Suricata compatibility

You can also use Geographic IP filtering with Suricata-compatible rule strings using the geoip keyword.

To create a Suricata compatible rule string:

  1. Follow steps 1 through 4 of the previous procedure.
  2. For the Rule group format, select Suricata compatible rule string.
  3. For Rule evaluation order, select either Strict order (recommended) or Action order.
  4. Enter a name for the stateful rule group.
  5. For Capacity, enter the maximum capacity you want to allow for the stateful rule group.
  6. Under Suricata compatible rule string, enter an appropriate string based on your source and destination along with the country code to filter traffic for. To use a Geographic IP filter, provide the geoip keyword, the filter type, and the country codes for the countries that you want to filter for.
  7. Suricata supports filtering for source and destination IPs. You can filter on either of these types by itself, by specifying dst or src.
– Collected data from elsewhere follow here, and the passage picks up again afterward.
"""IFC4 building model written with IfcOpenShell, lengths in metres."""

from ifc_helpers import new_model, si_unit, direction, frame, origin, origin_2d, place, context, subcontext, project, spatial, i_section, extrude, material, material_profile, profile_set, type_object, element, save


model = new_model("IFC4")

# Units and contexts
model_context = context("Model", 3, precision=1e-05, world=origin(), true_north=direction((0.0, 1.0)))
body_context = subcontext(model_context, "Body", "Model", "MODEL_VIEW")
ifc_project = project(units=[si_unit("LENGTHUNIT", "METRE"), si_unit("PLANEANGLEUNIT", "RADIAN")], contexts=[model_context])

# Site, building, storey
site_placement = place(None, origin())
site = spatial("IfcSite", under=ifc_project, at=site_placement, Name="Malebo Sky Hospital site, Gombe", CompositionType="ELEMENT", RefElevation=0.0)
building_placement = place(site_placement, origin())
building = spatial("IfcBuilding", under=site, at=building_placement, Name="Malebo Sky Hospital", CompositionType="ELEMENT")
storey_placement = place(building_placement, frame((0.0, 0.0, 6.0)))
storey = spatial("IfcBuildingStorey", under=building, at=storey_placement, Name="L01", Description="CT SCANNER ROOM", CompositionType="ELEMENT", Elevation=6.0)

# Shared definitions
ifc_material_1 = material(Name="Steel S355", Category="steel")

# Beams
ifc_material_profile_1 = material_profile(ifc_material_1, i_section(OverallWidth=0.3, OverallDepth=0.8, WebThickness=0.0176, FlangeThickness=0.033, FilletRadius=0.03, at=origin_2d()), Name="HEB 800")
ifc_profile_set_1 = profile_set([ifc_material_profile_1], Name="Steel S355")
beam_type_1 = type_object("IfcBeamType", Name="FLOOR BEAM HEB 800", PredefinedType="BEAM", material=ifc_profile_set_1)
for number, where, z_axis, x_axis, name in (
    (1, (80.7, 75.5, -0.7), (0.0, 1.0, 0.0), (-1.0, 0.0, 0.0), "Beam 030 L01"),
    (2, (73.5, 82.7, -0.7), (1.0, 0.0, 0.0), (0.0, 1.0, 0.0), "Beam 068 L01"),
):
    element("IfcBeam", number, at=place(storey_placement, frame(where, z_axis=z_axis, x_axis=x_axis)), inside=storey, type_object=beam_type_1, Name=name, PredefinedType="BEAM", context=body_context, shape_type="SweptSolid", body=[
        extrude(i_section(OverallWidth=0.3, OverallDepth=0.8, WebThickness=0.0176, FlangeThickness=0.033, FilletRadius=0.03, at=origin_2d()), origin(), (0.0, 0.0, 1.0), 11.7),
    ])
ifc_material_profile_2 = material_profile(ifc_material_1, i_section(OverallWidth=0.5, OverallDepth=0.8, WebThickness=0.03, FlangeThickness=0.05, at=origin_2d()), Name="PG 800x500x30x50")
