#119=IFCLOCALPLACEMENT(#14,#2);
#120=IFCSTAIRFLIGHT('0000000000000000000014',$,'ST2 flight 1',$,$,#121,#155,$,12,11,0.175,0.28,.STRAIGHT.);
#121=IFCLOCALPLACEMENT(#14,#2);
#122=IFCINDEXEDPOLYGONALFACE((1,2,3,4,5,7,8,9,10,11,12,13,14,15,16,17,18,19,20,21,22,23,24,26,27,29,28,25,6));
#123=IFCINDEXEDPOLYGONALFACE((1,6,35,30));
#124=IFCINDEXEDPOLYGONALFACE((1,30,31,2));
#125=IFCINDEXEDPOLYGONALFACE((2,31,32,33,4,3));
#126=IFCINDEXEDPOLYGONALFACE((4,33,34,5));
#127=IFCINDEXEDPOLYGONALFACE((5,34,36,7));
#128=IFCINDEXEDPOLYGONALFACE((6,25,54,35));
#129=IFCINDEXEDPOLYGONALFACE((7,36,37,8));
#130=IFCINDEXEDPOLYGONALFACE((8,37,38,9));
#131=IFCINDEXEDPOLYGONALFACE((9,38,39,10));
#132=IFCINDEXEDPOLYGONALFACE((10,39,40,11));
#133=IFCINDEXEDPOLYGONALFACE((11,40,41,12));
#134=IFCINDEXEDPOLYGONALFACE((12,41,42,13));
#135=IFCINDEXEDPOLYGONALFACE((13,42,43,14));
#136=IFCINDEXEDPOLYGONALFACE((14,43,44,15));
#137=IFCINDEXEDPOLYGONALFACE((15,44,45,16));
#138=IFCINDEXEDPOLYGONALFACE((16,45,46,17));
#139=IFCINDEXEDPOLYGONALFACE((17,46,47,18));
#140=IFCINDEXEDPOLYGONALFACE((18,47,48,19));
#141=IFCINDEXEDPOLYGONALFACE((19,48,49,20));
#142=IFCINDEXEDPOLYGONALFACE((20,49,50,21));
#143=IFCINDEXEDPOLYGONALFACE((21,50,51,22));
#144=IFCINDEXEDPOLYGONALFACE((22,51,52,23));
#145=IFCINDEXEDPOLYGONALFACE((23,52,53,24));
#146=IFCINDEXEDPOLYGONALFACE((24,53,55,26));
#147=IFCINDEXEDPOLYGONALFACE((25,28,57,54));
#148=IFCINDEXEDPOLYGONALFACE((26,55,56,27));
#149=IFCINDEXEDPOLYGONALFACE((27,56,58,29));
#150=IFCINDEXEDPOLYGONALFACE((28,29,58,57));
You can filter on the two types together with AND or OR logic, by specifying both or any.

For example, the following sample Suricata rule string drops traffic originating from Japan:

drop ip any any -> any any (msg:"Geographic IP from JP,Japan"; geoip:src,JP; sid:55555555; rev:1;)

Note that Suricata determines the location of requests using MaxMind GeoIP databases. MaxMind reports very high accuracy of their data at the country level, although accuracy varies according to factors such as country and type of IP. For more information about MaxMind, see MaxMind IP Geolocation.

If you think any of the Geographic IP data is incorrect, you can submit a correction request to MaxMind at MaxMind Correct GeoIP Data.

Logging Geographic IP Filtering

You can configure Network Firewall logging for your firewall’s stateful engine to get detailed information about the packet and any stateful rule action taken against the packet. There are no changes to the logging and monitoring mechanism with the introduction of the Geographic IP Filtering feature. However, by explicitly specifying the msg and metadata keywords, you can see additional geographic information in the alert logs that can help with troubleshooting. If these keywords aren’t specified in the Suricata rule string, the log event will not show any geographic information.

Suricata rule examples

In this section, you will find examples of Suricata rule strings to pass, block, reject, and alert on traffic to or from a specific country.

Example 1: To pass ingress traffic from a specific country

The following example passes ingress traffic from India.

Note: The rule evaluation order should be set to Strict for alert logs to be generated in this example. If the rule evaluation order is set to Action, then although the traffic will pass, alert logs will not be generated.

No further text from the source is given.